I had FullHD "simple" LCD from the 1st generation - d-sub and such.

I know that this is new model and comes with fabric calibration. When I turned him on all I saw was perfect color compared to my old LCD. Zero lag in games, nothing.
But I don't know if I should go to menu and mess with any of settings there? I don't know much about IPS panels except that they need to be calibrated. But that's already done?
Should I left it as it is when it's okay or there's setting that can make my image look even better?


----------



## Jstn7477 (Nov 15, 2011)

IPS panels only need to be calibrated if you are a professional artist or for some reason it doesn't look good out of the box. If you like the way it looks, just sit back and enjoy the awesomeness IPS panels.


----------



## f0ku5 (Nov 15, 2011)

that LG monitor was calibrated by LG in the fabric and it all looks awesome "out of box".
That means that I can leave it without entering menu and messing with settings?


----------



## white phantom (Nov 15, 2011)

Jstn7477 said:


> IPS panels only need to be calibrated if you are a professional artist or for some reason it doesn't look good out of the box. If you like the way it looks, just sit back and enjoy the awesomeness IPS panels.



+1 to this

everyones eyes and preferences are different so to be honest if it looks smashing to you then leave it as it is  or why not if you want to mess with settings take a note of current settings and then if you find something which looks better for you use it if not revert back to what it was?


----------



## f0ku5 (Nov 16, 2011)

the problem is that buttons of this monitor aren't even captioned so I dont know which button does what


----------



## AsRock (Nov 16, 2011)

aah just mess with them but 1st try fining a reset to so you can get it back how you like it now.  Maybe try reading the manual


----------



## n-ster (Nov 16, 2011)

ohhh how do you like that monitor? I want to purchase one soon


----------



## John Doe (Nov 16, 2011)

To my knowledge, it should be E-IPS, which stands for budget, leftover IPS panels. Not a full baked one. If it's IQ is sufficient for you, and if you're happy with it, great. But if it came with washed out colors and dark view angles like a TN, then I'd return it for a real one. It's a what you pay is what you get situation with these. They still are superior to TN, but at the end of the day, I wouldn't hope $400 quality out of a $200 panel. You know, it is what it is.


----------



## n-ster (Nov 16, 2011)

John Doe said:


> To my knowledge, it should be E-IPS, which stands for budget, leftover IPS panels. Not a full baked one. If it's IQ is sufficient for you, and if you're happy with it, great. But if it came with washed out colors and dark view angles like a TN, then I'd return it for a real one. It's a what you pay is what you get situation with these. They still are superior to TN, but at the end of the day, I wouldn't hope $400 quality out of a $200 panel. You know, it is what it is.

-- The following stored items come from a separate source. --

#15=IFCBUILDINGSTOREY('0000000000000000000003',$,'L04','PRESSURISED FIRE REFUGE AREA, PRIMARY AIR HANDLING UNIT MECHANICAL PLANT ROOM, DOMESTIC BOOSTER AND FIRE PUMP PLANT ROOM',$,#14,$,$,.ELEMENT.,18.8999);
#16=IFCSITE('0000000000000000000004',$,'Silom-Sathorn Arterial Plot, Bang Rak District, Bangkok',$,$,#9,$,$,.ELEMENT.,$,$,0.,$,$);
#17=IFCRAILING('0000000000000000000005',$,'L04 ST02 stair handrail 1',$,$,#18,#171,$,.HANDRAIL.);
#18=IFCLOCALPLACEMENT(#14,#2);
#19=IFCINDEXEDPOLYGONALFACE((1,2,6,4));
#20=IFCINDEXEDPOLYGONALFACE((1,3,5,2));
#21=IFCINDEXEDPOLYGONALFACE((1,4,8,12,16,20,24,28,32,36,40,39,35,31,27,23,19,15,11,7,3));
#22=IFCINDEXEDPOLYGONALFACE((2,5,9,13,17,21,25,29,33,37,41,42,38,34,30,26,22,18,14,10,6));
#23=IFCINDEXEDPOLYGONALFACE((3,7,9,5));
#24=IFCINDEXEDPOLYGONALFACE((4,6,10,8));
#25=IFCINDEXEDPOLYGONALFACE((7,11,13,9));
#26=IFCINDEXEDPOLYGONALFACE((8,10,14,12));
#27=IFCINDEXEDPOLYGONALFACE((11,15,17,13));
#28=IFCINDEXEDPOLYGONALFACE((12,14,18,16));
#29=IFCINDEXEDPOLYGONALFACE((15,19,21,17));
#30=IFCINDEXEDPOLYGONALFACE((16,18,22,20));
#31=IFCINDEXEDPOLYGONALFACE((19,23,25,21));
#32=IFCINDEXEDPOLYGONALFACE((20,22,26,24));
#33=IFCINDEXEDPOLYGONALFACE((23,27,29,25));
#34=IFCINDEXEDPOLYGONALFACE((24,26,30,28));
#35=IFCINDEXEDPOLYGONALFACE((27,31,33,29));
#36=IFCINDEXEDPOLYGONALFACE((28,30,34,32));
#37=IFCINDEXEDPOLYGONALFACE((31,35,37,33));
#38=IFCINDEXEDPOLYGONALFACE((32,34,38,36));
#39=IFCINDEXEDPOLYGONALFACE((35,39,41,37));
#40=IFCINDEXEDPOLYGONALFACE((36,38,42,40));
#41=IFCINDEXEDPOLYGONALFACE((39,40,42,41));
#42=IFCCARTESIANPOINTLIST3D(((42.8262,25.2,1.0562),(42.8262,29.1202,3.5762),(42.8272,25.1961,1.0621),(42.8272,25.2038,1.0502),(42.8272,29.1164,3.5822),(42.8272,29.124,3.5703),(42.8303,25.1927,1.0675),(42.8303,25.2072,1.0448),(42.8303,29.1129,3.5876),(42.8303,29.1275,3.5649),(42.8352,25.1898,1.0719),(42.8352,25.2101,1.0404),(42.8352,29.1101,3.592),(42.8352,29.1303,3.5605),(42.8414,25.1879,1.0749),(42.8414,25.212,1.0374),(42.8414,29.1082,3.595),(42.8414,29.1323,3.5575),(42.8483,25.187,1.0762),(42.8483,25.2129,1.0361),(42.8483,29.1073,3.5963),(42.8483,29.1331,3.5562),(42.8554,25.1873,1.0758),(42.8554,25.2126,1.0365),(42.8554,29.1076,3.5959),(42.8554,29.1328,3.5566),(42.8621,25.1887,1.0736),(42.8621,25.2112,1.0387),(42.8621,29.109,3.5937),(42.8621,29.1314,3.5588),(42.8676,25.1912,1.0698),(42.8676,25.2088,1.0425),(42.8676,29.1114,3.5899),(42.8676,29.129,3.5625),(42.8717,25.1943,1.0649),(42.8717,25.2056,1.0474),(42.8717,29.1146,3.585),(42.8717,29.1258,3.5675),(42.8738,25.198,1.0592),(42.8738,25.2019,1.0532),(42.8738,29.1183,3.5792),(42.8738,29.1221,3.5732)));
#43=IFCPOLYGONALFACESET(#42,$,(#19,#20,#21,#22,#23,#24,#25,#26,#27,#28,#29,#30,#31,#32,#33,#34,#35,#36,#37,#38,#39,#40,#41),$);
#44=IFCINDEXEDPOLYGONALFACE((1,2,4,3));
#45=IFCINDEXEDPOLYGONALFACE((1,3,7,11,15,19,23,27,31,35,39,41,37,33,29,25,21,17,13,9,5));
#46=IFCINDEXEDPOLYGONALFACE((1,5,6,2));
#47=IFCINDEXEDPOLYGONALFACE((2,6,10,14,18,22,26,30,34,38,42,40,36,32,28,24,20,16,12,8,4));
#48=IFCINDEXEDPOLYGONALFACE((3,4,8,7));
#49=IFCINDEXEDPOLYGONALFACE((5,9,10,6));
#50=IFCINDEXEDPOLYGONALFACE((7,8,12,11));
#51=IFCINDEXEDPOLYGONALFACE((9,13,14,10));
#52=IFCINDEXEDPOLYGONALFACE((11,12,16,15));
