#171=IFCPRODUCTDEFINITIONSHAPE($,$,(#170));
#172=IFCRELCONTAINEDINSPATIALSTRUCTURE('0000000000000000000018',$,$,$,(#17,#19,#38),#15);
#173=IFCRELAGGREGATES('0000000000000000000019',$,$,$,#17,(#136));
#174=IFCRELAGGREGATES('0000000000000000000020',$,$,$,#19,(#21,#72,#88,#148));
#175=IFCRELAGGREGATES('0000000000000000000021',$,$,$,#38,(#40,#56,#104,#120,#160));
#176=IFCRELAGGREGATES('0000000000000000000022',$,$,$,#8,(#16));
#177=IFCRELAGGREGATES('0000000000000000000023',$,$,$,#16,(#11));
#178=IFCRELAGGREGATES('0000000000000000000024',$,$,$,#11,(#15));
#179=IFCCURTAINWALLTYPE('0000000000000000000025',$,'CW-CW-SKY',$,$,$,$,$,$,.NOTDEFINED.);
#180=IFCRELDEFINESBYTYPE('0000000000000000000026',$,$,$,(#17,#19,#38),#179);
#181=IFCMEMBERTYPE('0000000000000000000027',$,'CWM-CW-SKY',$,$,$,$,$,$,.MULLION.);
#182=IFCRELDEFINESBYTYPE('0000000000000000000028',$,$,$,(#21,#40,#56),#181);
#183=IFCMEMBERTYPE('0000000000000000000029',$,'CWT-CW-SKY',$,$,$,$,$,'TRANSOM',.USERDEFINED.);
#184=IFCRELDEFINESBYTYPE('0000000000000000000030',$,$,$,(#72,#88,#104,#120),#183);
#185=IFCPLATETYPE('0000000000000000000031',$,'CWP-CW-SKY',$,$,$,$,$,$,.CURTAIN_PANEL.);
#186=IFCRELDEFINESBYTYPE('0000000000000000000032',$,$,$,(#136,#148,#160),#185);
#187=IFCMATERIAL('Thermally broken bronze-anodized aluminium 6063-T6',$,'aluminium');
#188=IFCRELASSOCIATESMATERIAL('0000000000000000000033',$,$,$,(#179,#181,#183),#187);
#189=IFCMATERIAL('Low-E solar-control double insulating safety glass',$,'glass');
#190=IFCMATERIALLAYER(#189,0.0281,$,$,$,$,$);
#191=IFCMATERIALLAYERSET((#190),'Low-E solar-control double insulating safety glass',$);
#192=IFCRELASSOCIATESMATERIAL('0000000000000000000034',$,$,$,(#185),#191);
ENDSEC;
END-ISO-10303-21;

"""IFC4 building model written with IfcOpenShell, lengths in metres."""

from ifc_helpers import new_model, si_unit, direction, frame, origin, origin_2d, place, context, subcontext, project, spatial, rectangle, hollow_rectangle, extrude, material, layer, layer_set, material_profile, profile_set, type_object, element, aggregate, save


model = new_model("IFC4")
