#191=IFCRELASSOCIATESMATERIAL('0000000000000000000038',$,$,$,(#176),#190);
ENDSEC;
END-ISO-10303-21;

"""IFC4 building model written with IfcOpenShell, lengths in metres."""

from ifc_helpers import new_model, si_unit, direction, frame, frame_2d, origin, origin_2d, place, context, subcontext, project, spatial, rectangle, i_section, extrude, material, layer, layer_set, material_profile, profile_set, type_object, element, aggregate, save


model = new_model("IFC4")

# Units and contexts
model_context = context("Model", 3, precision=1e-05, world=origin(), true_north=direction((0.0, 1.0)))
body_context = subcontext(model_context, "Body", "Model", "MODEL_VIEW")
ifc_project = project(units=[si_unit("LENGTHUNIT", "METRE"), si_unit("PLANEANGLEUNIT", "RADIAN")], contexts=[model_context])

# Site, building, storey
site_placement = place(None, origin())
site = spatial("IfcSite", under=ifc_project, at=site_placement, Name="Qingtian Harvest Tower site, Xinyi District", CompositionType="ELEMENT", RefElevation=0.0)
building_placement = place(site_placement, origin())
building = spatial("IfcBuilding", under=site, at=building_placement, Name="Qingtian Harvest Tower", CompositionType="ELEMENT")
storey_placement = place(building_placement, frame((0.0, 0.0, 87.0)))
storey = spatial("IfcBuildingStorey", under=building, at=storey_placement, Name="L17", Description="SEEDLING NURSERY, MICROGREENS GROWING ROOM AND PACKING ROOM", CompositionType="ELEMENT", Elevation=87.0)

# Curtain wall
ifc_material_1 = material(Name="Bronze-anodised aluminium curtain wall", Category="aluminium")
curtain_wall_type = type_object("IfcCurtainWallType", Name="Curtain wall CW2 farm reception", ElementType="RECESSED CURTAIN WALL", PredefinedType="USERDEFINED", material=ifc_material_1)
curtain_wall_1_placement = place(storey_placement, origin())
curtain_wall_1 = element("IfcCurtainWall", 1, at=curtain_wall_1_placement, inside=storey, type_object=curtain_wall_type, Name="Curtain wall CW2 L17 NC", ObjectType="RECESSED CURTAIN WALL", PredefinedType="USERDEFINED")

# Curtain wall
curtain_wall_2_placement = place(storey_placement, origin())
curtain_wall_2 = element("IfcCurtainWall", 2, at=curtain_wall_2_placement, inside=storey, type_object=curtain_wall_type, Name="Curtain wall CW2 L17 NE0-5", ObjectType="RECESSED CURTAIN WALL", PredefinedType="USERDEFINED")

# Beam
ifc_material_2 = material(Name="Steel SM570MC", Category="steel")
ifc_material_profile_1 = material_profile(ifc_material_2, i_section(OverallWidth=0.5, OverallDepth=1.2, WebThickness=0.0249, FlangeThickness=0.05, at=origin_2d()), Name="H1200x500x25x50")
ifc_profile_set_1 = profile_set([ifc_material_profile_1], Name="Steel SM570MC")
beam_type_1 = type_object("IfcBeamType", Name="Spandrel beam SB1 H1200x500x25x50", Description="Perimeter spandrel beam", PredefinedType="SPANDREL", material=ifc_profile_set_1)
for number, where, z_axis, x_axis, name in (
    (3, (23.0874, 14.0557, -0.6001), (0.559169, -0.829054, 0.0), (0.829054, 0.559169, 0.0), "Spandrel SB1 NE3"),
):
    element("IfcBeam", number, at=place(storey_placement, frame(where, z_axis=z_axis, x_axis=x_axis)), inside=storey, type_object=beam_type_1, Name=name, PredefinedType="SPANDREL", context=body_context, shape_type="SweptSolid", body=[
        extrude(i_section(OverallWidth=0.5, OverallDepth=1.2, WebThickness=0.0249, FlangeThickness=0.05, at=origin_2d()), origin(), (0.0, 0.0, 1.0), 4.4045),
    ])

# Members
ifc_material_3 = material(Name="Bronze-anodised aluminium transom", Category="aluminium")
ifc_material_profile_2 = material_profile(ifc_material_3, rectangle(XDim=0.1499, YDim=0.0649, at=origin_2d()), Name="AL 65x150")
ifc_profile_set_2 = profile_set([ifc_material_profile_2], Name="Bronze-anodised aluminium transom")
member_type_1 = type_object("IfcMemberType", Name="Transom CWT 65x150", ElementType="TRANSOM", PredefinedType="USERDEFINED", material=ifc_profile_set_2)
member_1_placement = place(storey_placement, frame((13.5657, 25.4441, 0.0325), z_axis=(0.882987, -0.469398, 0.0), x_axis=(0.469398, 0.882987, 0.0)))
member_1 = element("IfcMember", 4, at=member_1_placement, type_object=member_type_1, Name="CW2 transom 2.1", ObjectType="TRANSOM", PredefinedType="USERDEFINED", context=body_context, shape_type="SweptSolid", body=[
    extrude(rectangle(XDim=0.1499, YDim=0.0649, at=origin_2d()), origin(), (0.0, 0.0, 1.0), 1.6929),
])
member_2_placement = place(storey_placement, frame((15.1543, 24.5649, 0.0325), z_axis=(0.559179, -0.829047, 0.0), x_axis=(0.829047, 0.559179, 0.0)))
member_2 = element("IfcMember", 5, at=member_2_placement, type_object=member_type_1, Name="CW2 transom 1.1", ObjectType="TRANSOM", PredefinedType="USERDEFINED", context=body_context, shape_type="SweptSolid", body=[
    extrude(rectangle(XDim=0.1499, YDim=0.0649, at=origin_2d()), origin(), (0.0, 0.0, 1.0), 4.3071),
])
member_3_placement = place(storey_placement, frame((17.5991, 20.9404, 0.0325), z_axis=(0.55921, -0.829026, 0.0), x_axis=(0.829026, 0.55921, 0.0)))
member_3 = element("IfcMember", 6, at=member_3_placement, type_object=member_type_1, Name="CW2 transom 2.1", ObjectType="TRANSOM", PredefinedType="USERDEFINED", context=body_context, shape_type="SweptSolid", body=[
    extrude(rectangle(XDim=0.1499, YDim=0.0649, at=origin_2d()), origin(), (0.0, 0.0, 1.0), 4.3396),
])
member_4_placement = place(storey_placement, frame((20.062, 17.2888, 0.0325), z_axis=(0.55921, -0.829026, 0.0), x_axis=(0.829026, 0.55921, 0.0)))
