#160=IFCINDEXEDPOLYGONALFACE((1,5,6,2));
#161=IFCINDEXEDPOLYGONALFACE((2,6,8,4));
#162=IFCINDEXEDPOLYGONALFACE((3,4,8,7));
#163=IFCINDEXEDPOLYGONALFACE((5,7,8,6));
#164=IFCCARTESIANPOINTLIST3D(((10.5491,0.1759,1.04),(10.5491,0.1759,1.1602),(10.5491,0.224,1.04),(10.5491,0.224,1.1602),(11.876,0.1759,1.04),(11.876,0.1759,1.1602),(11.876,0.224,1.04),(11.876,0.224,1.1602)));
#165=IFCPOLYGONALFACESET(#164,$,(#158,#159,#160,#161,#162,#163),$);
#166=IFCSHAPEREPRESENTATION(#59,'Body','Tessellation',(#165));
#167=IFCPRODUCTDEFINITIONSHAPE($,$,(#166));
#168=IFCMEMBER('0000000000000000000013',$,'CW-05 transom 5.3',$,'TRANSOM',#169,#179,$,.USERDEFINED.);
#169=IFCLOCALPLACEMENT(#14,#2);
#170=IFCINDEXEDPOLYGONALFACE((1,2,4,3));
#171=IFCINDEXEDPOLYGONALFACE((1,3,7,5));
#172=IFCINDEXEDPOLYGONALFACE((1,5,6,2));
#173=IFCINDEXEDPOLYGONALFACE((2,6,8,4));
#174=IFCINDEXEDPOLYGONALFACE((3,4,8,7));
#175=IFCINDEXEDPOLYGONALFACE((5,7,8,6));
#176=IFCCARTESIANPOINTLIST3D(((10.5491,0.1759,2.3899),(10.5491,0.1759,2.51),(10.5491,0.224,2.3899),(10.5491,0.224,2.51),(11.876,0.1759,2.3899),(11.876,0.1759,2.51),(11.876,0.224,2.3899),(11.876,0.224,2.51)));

the E-IPS are around the same price as TN but much better lol. It is obviously less good than IPS in IQ, but better than TN, and at that price-point, you can't ask for more! Having the viewing angles at that price-point was unheard of until E-IPS


----------



## John Doe (Nov 16, 2011)

n-ster said:


> the E-IPS are around the same price as TN but much better lol. It is obviously less good than IPS in IQ, but better than TN, and at that price-point, you can't ask for more! Having the viewing angles at that price-point was unheard of until E-IPS



Yeah but, thing is, there actually is no such term as "E-IPS". It just stands for crappy IPS panels in marketing terms (as in Economical IPS maybe...). Bit of a crapshoot. I mean, if you really want an IPS, get a real IPS. If not, then yeah, surely I also would have gone for it instead of TN. Though, with S-IPS going for $350, it comes more logical to me to get the real thing for $150 more than to waste $200. Just looked up, it costs $300 converted. I'd have paid more for a true IPS than to take the chance and feel sorry later on. You can buy a TN of bigger size (not as good but yeah).


----------



## n-ster (Nov 16, 2011)

John Doe said:


> Yeah but, thing is, there actually is no such term as "E-IPS". It just stands for crappy IPS panels in marketing terms (as in Economical IPS maybe...). Bit of a crapshoot. I mean, if you really want an IPS, get a real IPS. If not, then yeah, surely I also would have gone for it instead of TN. Though, with S-IPS going for $350, it comes more logical to me to get the real thing for $150 more than to waste $200. Just looked up, it costs $300 converted. I'd have paid more for a true IPS than to take the chance and feel sorry later on. You can buy a TN of bigger size (not as good but yeah).



Yes there is... E-IPS are just IPS panels that have less features (ie: no 8 bit, less IQ) and much cheaper to make. E-IPS are often preferred by gamers as the response time is quicker than that of the better IPS panels

It is the perfect transition between TN and IPS. Think of bridge SLRs in cameras


----------



## John Doe (Nov 16, 2011)

n-ster said:


> Yes there is... E-IPS are just IPS panels that have less features (ie: no 8 bit, less IQ) and much cheaper to make. E-IPS are often preferred by gamers as the response time is usually higher than that of the better IPS panels
> 
> It is the perfect transition between TN and IPS. Think of bridge SLRs in cameras



Response time means little to nothing at this time and date. With anything below 8 ms, there's zero difference to notice. Even 12 ms has been alright back in 2005. It's only after 16 ms ghosting appears, and barely any modern IPS for regular usage have that high latency anymore.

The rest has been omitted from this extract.